PCR (Principal Component Regression)#

In PCR, we perform regression on the dependent variable, \( Y \), represented as follows:

Regression Model#

\[ Z = \alpha + \beta^T x + \epsilon \]

Where \( Z \) is the dependent variable, \( \alpha \) is the intercept, \( \beta \) is the coefficient vector, \( x \) is the vector of predictors, and \( \epsilon \) is the error term.

Estimation of Coefficients#

To estimate the coefficients \( \beta \), we minimize the sum of squared errors:

\[ \hat{\beta} = \arg \min \sum (Z_i - \beta^T x_i)^2 \]

The solution is given by:

\[ \hat{\beta} = (X^T X)^{-1} X^T Z \]

Given that \( X = \Gamma Y \), where \( \Gamma \) is the matrix of principal components, the PCR estimate of \( \beta \) becomes:

\[ \hat{\beta}_{\text{PC}} = (Y^T Y)^{-1} Y^T Z \]

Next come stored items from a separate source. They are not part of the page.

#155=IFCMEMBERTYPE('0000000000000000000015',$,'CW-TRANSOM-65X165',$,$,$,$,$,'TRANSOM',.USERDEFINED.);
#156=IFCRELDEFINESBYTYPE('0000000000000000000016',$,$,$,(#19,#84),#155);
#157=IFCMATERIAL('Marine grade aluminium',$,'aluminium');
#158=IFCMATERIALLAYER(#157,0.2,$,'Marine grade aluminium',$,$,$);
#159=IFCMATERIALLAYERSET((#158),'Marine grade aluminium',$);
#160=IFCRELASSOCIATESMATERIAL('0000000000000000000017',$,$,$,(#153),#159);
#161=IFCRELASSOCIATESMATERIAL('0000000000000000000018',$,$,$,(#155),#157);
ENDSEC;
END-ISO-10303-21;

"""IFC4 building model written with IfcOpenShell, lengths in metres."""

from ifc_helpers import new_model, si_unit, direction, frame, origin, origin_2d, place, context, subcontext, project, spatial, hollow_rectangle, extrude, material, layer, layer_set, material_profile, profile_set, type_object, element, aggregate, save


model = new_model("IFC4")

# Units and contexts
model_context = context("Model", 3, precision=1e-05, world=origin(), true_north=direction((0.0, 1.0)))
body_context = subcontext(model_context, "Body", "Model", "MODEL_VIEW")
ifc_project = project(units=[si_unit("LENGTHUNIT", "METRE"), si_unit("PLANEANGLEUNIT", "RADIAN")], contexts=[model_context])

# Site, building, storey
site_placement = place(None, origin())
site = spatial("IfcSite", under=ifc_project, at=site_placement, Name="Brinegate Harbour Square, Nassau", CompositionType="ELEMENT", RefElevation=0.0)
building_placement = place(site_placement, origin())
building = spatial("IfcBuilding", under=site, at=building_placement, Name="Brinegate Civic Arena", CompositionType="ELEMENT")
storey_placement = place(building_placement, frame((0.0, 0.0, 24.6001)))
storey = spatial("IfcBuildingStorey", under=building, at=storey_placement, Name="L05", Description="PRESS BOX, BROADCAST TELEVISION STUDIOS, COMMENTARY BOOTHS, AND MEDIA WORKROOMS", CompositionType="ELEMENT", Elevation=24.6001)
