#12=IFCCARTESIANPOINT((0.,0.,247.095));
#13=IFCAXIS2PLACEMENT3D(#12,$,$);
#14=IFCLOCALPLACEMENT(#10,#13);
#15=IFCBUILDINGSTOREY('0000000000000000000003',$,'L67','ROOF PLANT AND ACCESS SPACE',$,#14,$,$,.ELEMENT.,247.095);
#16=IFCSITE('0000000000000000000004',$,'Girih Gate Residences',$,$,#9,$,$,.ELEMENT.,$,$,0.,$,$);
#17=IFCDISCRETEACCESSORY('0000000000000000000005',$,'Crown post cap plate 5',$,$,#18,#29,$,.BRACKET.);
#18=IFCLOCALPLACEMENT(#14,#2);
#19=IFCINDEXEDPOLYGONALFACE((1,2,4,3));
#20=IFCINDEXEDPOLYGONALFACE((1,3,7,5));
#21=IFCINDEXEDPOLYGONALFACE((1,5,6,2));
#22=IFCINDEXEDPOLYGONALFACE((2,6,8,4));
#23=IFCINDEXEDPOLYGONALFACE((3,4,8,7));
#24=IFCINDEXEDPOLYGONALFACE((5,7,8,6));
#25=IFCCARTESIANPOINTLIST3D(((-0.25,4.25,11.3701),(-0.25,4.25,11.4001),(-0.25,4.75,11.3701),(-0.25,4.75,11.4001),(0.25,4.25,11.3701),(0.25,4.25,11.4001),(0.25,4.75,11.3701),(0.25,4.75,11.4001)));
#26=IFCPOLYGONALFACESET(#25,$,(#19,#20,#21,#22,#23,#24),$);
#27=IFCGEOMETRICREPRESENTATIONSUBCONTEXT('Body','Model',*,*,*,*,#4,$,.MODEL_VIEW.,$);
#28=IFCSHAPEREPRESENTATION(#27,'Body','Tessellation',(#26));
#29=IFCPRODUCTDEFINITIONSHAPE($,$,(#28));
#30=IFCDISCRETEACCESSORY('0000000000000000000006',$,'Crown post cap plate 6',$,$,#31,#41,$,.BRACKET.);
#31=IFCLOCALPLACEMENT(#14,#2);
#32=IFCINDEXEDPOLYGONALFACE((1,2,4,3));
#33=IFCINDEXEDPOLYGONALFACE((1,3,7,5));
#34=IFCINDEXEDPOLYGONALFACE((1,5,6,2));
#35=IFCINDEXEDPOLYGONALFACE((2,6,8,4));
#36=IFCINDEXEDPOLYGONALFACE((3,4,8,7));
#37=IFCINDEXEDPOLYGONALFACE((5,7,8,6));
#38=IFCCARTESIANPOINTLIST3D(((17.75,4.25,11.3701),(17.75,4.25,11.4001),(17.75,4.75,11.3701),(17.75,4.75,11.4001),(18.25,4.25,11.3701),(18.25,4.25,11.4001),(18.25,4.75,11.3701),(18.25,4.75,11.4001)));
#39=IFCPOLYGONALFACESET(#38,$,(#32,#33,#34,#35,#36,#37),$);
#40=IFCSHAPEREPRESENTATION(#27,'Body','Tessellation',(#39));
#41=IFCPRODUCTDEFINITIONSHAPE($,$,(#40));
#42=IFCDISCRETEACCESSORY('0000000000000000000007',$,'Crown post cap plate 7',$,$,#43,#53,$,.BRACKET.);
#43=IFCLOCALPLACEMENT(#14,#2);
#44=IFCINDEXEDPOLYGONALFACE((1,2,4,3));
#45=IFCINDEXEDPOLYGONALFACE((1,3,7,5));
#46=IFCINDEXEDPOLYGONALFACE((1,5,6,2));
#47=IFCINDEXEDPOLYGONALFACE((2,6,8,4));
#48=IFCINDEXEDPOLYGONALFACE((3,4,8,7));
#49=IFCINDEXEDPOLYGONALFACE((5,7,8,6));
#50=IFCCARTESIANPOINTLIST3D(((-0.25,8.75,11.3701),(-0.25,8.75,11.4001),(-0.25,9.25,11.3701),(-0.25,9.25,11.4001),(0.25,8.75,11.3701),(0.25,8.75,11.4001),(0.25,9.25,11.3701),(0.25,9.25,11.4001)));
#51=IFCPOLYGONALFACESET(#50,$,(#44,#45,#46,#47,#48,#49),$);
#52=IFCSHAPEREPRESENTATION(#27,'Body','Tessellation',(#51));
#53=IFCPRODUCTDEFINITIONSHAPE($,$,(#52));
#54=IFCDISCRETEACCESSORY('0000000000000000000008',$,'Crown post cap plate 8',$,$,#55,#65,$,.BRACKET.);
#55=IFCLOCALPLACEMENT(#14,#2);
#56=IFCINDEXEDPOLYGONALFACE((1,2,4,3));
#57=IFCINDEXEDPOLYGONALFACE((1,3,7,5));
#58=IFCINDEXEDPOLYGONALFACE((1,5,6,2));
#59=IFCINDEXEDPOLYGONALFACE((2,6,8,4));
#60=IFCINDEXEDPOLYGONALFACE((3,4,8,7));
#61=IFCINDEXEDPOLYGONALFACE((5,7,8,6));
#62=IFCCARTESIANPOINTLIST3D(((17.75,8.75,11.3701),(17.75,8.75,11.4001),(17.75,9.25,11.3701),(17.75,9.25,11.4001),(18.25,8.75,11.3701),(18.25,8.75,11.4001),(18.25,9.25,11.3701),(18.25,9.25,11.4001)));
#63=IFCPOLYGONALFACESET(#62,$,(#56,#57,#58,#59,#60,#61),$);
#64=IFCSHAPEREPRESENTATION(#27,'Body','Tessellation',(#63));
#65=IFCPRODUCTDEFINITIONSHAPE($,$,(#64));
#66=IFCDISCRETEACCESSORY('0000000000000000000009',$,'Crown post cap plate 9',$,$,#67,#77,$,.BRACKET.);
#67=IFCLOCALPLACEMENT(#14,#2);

PLS (Partial Least Squares)#

In PLS, regression is performed on a transformed set of predictors, \( T \).

Transformation of Predictors#

The transformation is defined as:

\[ T = \Phi X \]

Where \( \Phi \) is a matrix with \( |\Phi| = 1 \), ensuring normalization, and the covariance between \( Z \) and \( X \) is maximized.

Estimation of Coefficients#

The PLS estimate of \( \beta \) is found using:

\[ \hat{\beta}_{\text{PLS}} = (T^T T)^{-1} T^T Z \]

In this formulation, \( T \) represents the PLS components, which are linear combinations of the original predictors \( X \), optimized to explain the variance in \( Z \).